Gage described herself as "born with a hatred of oppression."

===Women's suffrage===
Even though she was beset by both financial and physical (cardiac) problems throughout her life, her work for women's rights was extensive, practical, and often brilliantly executed. Gage was considered to be more radical than either Susan B. Anthony or Elizabeth Cady Stanton (with whom she wrote History of Woman Suffrage, and Declaration of the Rights of Women).

She served as president of the National Woman Suffrage Association (NWSA) from 1875 to 1876 and served as either Chair of the Executive Committee or Vice President for over twenty years. During the 1876 convention, she successfully argued against a group of police who claimed the association was holding an illegal assembly; they left without pressing charges. She was a delegate from the NWSA to the 1880 Republican National Convention, the 1880 Democratic National Convention and that of the Greenback Party. Gage also served as president of the New York State Suffrage Association for five years.
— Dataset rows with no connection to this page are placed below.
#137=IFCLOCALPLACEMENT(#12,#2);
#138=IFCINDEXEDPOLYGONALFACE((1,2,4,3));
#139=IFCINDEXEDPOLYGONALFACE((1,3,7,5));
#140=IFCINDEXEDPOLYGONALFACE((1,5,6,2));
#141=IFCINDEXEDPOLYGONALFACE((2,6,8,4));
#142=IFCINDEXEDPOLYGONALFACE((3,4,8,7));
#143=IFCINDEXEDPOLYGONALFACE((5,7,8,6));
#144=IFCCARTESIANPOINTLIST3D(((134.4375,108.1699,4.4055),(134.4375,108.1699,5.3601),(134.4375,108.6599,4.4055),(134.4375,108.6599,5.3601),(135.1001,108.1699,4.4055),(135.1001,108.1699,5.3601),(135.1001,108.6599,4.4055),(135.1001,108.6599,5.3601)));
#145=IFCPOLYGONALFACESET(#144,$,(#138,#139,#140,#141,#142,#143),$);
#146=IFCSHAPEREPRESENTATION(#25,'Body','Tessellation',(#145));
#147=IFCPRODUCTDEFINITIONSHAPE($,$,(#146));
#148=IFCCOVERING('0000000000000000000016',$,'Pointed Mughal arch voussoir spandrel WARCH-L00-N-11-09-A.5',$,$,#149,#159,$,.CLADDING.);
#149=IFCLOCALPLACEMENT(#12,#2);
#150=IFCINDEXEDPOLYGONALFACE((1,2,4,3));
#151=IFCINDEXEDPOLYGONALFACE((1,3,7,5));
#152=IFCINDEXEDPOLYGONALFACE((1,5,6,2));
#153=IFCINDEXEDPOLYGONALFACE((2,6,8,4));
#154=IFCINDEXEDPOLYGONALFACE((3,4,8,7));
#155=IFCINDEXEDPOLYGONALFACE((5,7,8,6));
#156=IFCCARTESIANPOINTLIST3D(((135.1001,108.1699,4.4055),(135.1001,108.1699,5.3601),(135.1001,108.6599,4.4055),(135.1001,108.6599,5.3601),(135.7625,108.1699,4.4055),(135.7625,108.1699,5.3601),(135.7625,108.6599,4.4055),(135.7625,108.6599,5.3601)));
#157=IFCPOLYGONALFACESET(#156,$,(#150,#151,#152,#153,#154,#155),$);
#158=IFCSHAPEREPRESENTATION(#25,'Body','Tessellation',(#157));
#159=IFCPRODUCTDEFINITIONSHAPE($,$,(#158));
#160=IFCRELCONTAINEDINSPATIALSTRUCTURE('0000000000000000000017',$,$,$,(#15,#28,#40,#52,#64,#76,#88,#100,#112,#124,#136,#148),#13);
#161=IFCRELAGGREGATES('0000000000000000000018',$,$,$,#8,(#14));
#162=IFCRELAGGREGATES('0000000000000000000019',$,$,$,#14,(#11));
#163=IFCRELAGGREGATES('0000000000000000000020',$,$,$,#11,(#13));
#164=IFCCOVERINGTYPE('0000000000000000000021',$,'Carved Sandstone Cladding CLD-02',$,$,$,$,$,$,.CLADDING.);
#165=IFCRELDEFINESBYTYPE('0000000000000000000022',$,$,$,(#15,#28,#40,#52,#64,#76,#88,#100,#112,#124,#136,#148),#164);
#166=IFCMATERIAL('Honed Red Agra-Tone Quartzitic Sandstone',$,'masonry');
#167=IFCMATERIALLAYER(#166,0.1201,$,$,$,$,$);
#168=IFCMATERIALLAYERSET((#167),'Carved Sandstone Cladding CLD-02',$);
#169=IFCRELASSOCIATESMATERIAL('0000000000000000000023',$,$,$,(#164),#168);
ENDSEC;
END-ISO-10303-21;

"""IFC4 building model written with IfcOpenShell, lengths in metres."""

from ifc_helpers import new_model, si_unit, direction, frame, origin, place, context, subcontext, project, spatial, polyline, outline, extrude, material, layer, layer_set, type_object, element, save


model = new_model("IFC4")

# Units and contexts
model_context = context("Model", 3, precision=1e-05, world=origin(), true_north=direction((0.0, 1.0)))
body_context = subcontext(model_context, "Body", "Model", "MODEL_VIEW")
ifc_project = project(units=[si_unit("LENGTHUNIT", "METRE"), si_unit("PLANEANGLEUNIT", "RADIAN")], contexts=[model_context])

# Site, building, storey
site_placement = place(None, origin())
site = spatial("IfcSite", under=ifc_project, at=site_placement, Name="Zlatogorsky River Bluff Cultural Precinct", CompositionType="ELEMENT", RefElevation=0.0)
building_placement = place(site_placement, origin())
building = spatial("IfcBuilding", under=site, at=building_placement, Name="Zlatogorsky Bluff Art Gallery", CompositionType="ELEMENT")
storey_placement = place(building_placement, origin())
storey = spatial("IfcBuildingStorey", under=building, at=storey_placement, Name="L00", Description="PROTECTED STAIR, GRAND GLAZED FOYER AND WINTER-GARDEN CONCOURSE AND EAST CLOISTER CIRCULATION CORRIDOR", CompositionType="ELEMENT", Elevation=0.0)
As a result of the campaigning of the New York State Woman Suffrage Association under Gage, the state allowed women to elect members of the school boards. Gage ensured that every woman in her area (Fayetteville, New York) had the opportunity to vote, by writing letters making them aware of their rights, and sitting at the polls making sure nobody was turned away. In 1871, Gage was part of a group of 10 women who attempted to vote. Reportedly, she stood by and argued with the polling officials on behalf of each individual woman. She supported Victoria Woodhull and (later) Ulysses S. Grant in the 1872 presidential election. In 1873 she defended Susan B. Anthony when Anthony was placed on trial for having voted in that election, making compelling legal and moral arguments. In 1884, Gage was an Elector-at-Large for Belva Lockwood and the Equal Rights Party.
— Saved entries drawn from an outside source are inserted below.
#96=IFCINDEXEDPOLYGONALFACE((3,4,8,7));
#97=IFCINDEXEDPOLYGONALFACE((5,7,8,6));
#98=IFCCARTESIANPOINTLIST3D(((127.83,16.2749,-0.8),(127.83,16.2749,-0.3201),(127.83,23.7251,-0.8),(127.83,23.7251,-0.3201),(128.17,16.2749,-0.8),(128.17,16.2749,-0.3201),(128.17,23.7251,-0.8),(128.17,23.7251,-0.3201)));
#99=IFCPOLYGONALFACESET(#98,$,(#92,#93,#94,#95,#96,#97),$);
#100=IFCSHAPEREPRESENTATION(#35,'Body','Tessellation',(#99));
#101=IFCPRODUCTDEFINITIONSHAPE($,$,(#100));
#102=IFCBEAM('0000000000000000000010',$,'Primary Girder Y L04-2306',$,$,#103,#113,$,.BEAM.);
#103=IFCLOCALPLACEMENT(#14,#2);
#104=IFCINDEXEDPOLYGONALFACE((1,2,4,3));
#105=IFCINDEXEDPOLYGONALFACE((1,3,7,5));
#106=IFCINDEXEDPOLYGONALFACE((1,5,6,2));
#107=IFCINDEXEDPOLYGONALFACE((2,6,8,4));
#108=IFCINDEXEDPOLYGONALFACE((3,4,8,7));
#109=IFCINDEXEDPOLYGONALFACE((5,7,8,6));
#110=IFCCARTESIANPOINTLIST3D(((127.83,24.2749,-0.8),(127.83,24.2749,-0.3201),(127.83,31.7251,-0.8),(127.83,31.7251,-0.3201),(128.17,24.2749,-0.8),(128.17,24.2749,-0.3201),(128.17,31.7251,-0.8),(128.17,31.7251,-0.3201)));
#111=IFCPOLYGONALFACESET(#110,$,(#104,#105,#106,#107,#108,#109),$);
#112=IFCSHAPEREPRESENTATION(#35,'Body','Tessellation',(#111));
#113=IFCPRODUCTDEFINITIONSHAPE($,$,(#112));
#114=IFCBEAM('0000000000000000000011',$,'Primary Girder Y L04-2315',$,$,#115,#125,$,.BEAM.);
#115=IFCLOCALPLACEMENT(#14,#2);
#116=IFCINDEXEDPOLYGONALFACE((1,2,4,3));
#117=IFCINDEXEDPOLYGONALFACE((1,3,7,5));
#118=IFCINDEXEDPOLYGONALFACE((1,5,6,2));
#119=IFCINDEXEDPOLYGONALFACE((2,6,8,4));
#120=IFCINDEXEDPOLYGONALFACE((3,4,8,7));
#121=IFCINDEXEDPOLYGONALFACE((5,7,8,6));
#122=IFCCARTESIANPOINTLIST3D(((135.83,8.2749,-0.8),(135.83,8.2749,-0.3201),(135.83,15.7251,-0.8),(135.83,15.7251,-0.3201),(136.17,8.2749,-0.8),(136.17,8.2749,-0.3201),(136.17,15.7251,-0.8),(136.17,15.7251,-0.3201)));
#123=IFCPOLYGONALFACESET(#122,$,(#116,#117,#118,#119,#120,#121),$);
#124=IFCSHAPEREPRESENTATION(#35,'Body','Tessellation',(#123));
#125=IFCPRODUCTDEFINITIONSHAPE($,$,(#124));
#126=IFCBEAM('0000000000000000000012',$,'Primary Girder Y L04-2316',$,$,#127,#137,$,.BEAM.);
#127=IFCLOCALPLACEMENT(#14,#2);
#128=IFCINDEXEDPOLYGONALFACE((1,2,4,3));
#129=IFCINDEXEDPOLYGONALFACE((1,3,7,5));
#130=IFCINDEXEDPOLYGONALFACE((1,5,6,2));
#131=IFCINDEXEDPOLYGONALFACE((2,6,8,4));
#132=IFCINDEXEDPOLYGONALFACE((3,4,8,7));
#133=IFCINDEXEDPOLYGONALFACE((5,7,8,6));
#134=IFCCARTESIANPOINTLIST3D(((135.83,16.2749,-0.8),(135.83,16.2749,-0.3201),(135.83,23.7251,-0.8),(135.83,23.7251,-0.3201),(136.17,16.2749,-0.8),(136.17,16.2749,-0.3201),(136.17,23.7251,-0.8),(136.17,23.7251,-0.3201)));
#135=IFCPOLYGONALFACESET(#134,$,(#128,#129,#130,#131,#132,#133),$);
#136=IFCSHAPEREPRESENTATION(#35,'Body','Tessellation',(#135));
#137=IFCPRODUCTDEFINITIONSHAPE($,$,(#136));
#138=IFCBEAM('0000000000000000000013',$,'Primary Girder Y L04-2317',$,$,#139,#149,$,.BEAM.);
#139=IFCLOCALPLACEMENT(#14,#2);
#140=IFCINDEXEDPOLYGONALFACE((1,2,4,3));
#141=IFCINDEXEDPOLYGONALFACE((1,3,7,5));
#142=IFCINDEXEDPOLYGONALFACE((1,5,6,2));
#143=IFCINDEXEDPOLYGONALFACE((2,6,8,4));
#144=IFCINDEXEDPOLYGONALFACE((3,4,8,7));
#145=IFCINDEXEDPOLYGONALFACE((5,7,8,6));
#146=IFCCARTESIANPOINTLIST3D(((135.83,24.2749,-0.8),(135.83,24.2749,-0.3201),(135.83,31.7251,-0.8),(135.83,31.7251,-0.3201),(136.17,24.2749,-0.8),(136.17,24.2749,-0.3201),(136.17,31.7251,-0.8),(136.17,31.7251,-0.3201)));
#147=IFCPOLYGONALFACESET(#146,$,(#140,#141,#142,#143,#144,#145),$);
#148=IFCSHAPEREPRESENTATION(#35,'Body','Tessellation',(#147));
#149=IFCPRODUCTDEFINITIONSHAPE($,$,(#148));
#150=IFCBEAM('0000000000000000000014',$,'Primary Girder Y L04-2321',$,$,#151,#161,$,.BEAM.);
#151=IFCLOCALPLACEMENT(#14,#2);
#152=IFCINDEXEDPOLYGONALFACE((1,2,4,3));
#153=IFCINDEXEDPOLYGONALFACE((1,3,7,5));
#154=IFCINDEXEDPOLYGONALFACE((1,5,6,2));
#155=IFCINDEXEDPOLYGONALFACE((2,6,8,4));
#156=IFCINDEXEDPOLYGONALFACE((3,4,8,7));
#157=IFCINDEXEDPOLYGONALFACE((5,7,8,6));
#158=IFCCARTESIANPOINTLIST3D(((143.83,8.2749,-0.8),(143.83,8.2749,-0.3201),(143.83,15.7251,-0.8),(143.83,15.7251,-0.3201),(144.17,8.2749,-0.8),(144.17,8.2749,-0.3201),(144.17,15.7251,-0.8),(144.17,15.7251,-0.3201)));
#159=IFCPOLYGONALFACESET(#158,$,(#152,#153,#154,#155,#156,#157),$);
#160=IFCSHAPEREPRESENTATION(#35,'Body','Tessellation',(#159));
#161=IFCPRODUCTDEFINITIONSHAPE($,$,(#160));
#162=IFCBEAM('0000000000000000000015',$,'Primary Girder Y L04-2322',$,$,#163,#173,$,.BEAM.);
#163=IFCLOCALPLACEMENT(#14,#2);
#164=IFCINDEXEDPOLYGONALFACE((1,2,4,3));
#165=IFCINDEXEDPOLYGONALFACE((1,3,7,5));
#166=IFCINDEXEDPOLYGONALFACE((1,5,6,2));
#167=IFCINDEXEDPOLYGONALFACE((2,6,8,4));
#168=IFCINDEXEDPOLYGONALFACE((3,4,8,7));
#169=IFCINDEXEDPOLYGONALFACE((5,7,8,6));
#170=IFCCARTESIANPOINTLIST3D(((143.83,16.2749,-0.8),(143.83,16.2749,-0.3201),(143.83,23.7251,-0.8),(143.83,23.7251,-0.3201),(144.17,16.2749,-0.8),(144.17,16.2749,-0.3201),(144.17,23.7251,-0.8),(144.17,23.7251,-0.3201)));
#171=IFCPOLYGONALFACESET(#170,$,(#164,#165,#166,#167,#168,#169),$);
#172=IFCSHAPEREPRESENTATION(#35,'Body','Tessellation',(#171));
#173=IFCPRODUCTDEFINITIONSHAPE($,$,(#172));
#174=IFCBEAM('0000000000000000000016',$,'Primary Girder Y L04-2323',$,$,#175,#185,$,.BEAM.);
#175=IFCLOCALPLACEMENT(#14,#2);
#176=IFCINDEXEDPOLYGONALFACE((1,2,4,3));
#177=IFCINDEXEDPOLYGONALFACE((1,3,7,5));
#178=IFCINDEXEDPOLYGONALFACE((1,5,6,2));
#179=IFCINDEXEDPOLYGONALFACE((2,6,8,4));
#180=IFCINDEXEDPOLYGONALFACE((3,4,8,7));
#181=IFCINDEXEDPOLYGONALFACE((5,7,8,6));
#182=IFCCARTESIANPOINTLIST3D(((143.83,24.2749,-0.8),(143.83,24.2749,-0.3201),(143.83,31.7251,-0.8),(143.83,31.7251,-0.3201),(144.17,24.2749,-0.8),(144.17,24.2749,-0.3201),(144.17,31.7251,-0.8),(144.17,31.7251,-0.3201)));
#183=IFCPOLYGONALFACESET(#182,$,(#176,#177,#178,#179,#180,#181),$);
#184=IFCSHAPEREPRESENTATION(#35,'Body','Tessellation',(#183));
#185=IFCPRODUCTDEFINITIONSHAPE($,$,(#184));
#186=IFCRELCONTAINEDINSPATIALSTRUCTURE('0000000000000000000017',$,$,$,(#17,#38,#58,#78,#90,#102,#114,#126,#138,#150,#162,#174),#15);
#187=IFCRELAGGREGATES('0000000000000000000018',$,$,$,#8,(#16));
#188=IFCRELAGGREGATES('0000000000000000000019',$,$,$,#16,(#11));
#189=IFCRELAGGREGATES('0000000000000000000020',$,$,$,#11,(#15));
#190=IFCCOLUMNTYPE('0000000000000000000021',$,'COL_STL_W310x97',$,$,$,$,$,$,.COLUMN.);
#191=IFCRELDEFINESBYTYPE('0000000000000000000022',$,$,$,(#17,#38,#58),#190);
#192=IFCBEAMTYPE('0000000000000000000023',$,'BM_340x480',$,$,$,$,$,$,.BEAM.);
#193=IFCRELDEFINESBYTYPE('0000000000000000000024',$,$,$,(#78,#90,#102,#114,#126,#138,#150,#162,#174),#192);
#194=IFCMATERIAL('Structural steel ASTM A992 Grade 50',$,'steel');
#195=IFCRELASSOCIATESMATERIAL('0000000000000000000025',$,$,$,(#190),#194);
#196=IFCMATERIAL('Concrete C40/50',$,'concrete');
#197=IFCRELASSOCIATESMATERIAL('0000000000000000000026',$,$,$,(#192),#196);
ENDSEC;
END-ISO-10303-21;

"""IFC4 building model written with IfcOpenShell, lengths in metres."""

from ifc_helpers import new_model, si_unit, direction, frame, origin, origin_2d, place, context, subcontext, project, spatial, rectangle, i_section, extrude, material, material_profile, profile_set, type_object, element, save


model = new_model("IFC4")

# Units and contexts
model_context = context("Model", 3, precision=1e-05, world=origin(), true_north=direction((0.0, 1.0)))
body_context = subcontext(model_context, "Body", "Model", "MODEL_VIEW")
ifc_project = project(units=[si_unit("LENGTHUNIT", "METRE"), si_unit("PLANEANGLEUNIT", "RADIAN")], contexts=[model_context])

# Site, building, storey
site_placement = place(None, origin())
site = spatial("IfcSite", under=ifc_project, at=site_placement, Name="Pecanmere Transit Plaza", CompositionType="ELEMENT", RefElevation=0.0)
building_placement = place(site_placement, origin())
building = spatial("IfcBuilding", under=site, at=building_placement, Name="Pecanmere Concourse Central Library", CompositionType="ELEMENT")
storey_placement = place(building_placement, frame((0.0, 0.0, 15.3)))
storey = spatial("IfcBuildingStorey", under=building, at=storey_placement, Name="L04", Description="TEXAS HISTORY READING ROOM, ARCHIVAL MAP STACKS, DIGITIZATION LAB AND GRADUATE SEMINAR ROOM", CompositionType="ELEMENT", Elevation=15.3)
Gage unsuccessfully tried to prevent the conservative takeover of the women's suffrage movement. Susan B. Anthony, who had helped to found the NWSA, was primarily concerned with gaining the vote, an outlook which Gage found too narrow. Conservative suffragists were drawn into the movement believing that women's vote would achieve temperance (the banning of alcohol) and Christian political goals, but not supporting more general social reform. This conservative wing of the movement was represented by the American Woman Suffrage Association (AWSA). The merger of the two organizations, pushed through by Lucy Stone, Alice Stone Blackwell and Anthony, produced the National American Woman Suffrage Association (NAWSA) in 1890.

Stanton and Gage maintained their radical positions and opposed this merger, because they believed it was a threat to separation of church and state. That year, Gage established the Woman's National Liberal Union (WNLU), of which she was president until her death in 1898, and editor of its official journal, The Liberal Thinker; the other initial officers were Josephine Cables Aldrich, vice-president; Mary Emily Bates Coues, secretary; and William F. Aldrich, treasurer. The WNLU became the platform for radical and liberal ideas of the time.

=== Religion ===

Along with Stanton, she was a vocal critic of the Christian Church, which put her at odds with conservative suffragists such as Frances Willard and the Woman's Christian Temperance Union. Rather than arguing that women deserved the vote because their feminine morality would then properly influence legislation (as the WCTU did), she argued that they deserved suffrage as a 'natural right'. Despite her opposition to the Church, Gage was in her own way deeply religious, and she joined Stanton's Revising Committee to write The Woman's Bible.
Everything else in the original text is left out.